43. Lenna
43
Lenna
L enna’s mind kept spinning around even as the floor settled under her feet. She was barely aware of Jake moving her into a black armchair, forcing her stiff body to sit. He kneeled in front of her.
“Hey,” he said, his voice soft.
The fucking Organ Mandor had taken her powers away. She was not a panom. She would never be anything of worth again. She could never help Raoul, or any other innocents in this broken society. Lenna clenched her fists, ignoring the pain as her nails dug into her skin.
“Brachyan,” Jake said firmly, putting a cautious hand on her thigh.
Her golden eyes met his silver ones, and she acknowledged her surroundings at last. A luxuriously black and navy bedroom with the shape of a petal that could only be in his private chambers.
She was still in the House of the motherfucker who had taken her heirloom and her powers away. The heirloom part she would have felt relief for, were it not for the absolute emptiness and sorrow she felt at losing the biggest part of her identity that had come with it.
“I don’t want to be here,” Lenna said, swallowing her hatred and revulsion to talk as if nothing was happening. As if her entire world was not falling apart.
“You want me to take you to your chambers?” Jake asked.
Theon would probably be there, and she didn’t want to see him. She didn’t want to see or talk to anyone.
“I don’t want to be in his fucking House. In his city,” Lenna said. Even if the entire island of Thyria belonged to this man that she hated so much, and she could see Jake thinking precisely that too. “I just want to go home,” she whispered.
“I can take you to the North House,” Jake said. Lenna nodded, silently putting a hand on top of his. A hand with no magic on top of the hand of the most powerful heir of Thyria.
A hand on her neck. The floor disappeared from under their feet again, and Corentre was gone.
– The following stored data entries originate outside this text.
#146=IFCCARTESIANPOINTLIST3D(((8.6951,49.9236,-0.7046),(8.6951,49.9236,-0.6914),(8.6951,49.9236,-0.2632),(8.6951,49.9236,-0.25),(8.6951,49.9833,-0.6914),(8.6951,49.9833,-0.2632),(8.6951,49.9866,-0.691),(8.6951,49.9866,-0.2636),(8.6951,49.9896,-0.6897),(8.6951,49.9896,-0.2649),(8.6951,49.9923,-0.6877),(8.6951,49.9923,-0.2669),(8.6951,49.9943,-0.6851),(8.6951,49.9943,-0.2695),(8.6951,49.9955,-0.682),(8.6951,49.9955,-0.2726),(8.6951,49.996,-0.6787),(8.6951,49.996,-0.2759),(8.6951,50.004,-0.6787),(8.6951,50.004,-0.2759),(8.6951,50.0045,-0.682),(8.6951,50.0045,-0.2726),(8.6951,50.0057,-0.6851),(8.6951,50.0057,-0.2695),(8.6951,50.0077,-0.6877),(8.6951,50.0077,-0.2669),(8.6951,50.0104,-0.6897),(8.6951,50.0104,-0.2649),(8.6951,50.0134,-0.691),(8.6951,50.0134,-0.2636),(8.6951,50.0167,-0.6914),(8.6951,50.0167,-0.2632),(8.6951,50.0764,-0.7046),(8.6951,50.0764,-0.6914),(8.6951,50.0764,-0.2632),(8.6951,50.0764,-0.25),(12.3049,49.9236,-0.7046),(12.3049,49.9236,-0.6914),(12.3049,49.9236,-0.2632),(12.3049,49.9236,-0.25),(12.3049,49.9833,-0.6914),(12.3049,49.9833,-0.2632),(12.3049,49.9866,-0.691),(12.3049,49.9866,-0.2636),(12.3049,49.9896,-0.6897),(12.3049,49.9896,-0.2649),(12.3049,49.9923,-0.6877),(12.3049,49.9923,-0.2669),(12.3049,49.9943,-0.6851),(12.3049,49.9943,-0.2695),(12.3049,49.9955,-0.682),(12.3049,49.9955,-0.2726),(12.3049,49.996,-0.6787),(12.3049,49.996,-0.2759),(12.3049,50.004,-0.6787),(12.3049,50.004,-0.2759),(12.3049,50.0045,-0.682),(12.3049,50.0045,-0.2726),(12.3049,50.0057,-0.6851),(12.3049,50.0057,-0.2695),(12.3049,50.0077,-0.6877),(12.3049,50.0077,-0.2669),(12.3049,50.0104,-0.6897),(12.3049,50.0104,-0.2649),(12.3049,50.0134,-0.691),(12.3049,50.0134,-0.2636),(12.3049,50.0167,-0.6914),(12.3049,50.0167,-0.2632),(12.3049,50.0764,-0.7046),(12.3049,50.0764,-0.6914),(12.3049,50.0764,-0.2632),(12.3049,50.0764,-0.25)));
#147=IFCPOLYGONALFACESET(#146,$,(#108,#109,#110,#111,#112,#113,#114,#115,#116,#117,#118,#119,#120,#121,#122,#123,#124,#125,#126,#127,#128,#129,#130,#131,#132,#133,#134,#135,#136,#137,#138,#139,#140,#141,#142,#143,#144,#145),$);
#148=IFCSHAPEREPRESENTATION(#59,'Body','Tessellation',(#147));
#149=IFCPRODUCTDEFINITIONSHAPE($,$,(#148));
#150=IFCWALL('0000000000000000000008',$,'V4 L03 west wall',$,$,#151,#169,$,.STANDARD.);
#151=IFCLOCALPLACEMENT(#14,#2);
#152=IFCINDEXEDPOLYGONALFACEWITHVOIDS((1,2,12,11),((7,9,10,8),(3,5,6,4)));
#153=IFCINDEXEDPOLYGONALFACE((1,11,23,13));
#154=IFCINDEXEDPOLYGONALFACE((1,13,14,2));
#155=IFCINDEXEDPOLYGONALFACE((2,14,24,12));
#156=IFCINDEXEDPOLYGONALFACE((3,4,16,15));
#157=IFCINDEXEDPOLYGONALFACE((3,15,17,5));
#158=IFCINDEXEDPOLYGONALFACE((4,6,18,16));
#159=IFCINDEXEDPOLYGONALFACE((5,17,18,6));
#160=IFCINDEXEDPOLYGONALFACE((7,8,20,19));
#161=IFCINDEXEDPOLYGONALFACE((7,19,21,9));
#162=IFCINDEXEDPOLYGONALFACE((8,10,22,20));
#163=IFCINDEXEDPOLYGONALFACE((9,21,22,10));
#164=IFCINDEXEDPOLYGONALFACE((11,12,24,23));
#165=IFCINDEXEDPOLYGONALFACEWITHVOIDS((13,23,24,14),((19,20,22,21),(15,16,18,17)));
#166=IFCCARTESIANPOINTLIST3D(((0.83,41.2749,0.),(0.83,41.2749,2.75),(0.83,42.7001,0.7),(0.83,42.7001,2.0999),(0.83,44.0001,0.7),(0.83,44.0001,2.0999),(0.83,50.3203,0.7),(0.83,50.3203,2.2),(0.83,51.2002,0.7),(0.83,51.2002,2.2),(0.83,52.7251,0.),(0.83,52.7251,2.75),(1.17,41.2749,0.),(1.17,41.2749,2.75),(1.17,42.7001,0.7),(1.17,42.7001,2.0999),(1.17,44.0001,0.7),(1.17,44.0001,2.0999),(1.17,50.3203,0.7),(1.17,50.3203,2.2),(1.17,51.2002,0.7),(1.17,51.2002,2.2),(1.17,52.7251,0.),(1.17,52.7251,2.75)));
The wooden walls of her room in the North House were warmly familiar, and the wide panel windows opening to her balcony let her breathe in the much needed fresh air. Her bed, her things, her heart had been here all those years, and even the smell seemed to welcome her back home. She silently thanked the epitellia wards for allowing Jake to moure her there because of her identity.
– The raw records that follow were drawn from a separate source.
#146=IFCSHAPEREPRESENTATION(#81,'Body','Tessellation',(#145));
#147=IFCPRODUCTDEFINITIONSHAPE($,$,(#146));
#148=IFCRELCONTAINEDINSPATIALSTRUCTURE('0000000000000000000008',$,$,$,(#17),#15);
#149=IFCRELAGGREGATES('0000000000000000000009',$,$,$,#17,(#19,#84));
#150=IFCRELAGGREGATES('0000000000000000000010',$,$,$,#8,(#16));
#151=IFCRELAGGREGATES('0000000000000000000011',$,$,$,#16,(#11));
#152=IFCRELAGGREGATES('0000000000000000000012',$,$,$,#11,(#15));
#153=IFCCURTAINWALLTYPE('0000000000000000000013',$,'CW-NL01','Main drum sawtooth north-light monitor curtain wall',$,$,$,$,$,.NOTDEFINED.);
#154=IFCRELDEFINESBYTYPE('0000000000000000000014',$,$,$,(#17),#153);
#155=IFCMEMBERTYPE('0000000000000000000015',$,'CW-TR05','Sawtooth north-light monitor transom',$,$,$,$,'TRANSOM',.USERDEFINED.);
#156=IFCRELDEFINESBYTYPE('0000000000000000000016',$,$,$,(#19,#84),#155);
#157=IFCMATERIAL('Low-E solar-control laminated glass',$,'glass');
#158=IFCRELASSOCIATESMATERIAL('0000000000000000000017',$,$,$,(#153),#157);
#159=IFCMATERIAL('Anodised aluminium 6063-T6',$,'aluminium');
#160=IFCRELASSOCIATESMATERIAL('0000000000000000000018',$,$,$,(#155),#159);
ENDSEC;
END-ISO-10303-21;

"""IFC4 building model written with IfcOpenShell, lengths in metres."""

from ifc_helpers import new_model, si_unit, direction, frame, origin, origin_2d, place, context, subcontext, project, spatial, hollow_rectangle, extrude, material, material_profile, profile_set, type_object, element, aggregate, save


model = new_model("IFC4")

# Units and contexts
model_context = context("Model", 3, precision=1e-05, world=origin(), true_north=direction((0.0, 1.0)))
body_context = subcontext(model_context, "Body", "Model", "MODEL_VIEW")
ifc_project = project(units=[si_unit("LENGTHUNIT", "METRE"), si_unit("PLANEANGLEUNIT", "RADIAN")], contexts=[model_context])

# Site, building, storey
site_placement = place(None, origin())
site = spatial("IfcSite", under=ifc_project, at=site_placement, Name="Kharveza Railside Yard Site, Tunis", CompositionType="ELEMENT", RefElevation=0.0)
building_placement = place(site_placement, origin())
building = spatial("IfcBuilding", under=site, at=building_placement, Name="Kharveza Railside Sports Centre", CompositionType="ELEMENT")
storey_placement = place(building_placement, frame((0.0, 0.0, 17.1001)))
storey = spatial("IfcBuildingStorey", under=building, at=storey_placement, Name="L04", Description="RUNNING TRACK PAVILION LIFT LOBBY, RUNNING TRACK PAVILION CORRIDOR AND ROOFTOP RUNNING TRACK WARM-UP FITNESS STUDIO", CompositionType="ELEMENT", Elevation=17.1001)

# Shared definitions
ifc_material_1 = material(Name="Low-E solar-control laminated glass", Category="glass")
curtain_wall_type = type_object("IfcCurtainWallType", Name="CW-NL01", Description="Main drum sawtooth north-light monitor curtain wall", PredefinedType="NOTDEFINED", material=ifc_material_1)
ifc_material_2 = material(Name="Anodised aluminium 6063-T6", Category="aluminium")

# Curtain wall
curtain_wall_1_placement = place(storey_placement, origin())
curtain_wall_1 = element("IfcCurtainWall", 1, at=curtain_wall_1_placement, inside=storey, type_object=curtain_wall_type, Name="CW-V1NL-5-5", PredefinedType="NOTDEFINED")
“Don’t let this make you miserable, Brachyan,” Jake said.
“Said the most powerful panom heir of Thyria to a panomless former heir,” Lenna snorted. “Seems like a Cardinals-damned grim joke.”
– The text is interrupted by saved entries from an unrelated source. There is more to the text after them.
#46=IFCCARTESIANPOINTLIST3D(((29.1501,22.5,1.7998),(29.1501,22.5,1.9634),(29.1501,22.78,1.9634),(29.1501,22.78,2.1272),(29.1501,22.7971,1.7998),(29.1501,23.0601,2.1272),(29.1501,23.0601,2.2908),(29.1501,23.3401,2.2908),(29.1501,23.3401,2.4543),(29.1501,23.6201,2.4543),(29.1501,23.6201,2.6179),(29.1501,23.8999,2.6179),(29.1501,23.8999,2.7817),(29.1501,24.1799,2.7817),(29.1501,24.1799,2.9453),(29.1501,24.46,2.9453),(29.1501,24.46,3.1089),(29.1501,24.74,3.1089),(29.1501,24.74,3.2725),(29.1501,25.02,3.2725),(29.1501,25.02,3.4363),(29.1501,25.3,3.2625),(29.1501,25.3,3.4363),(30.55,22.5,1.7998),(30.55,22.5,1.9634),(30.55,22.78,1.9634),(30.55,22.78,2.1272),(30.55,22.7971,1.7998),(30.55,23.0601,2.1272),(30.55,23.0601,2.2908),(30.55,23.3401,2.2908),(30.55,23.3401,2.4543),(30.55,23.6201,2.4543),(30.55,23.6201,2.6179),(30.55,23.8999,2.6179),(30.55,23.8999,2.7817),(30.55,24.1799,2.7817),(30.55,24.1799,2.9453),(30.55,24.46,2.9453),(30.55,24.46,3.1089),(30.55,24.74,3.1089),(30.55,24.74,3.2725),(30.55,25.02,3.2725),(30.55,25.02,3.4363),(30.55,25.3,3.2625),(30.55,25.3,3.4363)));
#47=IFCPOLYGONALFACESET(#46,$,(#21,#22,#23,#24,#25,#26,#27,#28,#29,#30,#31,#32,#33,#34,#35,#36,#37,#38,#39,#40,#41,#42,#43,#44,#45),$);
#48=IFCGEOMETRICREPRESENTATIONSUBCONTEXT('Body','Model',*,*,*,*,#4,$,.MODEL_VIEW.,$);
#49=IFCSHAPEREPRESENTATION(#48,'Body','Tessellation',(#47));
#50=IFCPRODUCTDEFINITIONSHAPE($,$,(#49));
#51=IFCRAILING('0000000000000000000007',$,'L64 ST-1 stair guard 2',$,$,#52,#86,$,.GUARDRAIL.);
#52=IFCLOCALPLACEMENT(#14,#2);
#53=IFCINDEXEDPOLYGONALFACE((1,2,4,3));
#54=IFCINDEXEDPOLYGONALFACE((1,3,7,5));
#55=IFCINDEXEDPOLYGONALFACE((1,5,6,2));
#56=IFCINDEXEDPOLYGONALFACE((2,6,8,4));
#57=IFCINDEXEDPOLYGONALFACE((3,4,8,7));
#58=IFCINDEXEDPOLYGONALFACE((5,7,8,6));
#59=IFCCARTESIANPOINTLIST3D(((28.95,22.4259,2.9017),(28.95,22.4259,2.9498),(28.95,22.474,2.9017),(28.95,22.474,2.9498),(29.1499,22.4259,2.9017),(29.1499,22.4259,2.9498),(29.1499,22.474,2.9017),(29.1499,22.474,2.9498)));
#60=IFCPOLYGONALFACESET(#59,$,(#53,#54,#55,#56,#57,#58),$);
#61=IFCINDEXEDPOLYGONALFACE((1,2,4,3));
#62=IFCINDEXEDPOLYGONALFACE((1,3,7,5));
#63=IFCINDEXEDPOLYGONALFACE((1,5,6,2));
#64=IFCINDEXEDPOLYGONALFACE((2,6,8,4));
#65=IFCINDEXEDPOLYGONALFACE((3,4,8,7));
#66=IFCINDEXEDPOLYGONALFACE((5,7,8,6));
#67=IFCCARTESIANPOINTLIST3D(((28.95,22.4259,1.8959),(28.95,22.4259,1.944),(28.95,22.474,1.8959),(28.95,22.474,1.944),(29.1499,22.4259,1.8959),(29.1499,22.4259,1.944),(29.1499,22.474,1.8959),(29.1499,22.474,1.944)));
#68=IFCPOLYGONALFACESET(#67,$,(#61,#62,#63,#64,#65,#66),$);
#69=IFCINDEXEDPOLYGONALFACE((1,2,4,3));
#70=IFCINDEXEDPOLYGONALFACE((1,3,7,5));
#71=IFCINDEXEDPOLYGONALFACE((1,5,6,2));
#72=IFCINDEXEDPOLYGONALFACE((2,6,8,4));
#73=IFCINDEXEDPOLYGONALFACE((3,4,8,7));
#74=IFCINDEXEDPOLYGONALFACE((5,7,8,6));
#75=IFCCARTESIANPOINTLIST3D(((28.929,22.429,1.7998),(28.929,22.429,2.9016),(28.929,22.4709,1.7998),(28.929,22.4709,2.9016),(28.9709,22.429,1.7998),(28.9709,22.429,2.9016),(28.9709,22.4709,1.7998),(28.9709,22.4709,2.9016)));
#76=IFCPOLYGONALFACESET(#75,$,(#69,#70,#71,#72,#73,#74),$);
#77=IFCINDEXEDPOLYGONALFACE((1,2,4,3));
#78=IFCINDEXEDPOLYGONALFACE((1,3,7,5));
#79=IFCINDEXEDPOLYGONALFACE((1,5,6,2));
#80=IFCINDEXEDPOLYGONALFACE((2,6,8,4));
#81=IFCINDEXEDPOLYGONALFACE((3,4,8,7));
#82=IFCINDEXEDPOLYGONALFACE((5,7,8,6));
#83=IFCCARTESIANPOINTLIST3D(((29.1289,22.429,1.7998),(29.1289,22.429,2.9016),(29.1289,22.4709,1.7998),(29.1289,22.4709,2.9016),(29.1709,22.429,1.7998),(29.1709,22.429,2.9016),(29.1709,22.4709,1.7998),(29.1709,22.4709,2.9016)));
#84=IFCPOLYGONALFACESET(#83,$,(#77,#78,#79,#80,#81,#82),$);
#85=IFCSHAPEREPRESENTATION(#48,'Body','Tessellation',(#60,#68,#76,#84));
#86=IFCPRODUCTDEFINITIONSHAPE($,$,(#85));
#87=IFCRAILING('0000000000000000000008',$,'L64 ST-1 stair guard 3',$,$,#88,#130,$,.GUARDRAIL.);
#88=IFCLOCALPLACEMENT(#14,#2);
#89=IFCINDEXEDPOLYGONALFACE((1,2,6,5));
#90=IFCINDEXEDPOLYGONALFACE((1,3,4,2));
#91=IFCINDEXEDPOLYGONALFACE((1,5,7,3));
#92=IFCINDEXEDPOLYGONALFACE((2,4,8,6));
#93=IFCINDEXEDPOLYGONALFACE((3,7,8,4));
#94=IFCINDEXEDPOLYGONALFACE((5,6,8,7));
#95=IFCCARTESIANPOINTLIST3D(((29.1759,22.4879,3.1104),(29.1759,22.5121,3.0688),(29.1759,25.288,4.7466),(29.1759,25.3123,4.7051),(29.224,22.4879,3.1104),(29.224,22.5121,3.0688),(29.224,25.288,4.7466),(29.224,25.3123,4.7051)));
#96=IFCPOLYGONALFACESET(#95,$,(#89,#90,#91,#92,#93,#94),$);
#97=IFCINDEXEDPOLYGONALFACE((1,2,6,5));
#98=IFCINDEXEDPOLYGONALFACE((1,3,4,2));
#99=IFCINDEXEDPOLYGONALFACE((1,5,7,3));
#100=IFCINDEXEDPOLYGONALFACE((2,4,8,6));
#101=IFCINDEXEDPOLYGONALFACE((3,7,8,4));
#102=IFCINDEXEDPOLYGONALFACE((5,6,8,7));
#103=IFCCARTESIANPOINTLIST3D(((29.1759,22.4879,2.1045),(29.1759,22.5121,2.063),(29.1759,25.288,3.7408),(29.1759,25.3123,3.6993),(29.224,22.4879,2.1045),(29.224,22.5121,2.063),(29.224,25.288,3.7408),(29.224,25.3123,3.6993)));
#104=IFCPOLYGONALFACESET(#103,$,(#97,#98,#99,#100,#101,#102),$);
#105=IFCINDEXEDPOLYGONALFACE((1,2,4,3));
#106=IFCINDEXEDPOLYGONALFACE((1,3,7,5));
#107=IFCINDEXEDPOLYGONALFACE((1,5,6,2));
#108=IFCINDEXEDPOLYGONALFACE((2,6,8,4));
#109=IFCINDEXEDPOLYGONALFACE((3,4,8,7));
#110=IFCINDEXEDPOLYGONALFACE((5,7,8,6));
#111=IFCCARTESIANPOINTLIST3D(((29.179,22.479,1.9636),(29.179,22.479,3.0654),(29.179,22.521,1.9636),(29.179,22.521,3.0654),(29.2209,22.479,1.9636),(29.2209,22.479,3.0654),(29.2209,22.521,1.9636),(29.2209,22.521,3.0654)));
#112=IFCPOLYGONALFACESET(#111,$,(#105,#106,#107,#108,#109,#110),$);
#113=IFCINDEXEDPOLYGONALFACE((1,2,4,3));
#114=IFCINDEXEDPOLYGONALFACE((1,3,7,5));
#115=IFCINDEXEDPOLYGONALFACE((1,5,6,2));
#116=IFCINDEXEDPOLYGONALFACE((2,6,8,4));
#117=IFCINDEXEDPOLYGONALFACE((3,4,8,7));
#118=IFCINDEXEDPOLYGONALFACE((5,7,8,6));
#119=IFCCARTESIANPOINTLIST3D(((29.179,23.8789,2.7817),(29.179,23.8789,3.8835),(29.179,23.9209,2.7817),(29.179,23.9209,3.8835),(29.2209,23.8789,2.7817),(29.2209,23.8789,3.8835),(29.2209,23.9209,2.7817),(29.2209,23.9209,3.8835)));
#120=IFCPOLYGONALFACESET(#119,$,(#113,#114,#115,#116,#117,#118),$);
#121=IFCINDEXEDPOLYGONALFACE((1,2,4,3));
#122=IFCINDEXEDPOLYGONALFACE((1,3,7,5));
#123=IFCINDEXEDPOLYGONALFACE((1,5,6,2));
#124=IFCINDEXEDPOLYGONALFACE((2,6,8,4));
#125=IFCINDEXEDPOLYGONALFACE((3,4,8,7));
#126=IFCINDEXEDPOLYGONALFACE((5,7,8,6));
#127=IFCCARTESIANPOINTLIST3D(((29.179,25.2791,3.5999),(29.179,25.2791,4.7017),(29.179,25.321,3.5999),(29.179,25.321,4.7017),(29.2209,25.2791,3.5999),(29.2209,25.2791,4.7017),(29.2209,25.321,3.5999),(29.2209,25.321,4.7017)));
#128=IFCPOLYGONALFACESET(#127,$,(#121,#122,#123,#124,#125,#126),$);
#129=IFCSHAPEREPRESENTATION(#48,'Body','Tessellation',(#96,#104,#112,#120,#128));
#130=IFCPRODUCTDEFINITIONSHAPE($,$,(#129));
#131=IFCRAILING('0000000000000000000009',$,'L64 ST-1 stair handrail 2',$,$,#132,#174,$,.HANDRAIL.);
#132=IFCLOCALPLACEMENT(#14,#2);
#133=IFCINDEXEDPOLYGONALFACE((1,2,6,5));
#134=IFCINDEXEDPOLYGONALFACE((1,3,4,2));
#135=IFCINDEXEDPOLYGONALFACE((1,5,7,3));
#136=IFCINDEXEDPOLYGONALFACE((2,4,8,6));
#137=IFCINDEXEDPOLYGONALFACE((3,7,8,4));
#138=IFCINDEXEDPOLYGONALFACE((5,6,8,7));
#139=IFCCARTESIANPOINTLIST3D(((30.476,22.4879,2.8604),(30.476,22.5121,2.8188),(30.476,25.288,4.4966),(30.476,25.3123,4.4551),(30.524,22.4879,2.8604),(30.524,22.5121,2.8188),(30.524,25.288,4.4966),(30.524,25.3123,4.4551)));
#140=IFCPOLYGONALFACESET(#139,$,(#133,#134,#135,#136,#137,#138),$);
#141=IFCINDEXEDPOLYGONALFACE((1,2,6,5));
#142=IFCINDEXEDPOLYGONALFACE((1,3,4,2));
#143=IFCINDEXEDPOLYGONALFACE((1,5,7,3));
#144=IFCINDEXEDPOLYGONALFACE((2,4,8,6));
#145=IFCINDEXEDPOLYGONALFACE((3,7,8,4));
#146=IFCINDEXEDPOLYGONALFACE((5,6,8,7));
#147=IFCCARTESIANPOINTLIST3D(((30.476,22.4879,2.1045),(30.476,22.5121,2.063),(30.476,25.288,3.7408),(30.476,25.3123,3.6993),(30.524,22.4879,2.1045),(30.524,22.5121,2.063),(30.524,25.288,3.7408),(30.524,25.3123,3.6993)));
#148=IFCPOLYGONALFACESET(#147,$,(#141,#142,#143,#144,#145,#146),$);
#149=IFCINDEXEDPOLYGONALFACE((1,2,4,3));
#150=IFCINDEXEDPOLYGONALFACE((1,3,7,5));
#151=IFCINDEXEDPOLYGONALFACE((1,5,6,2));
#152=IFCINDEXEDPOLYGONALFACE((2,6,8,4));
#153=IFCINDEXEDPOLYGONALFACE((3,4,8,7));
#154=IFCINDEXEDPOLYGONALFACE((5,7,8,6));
“Your inner fire doesn’t depend on your powers,” he said, and she turned to look at him. His face was serious, and his eyes lined with anger and determination. “You are much more than a panom.”
“You don’t need to be here anymore. You are no longer my Panom Guidor,” Lenna said, turning to look at the gardens in front of her. And before he could say anything else that would make her reconsider, she added, “I want to be alone.”
She was home, and yet she had never felt such loneliness and emptiness invading every single part of her being.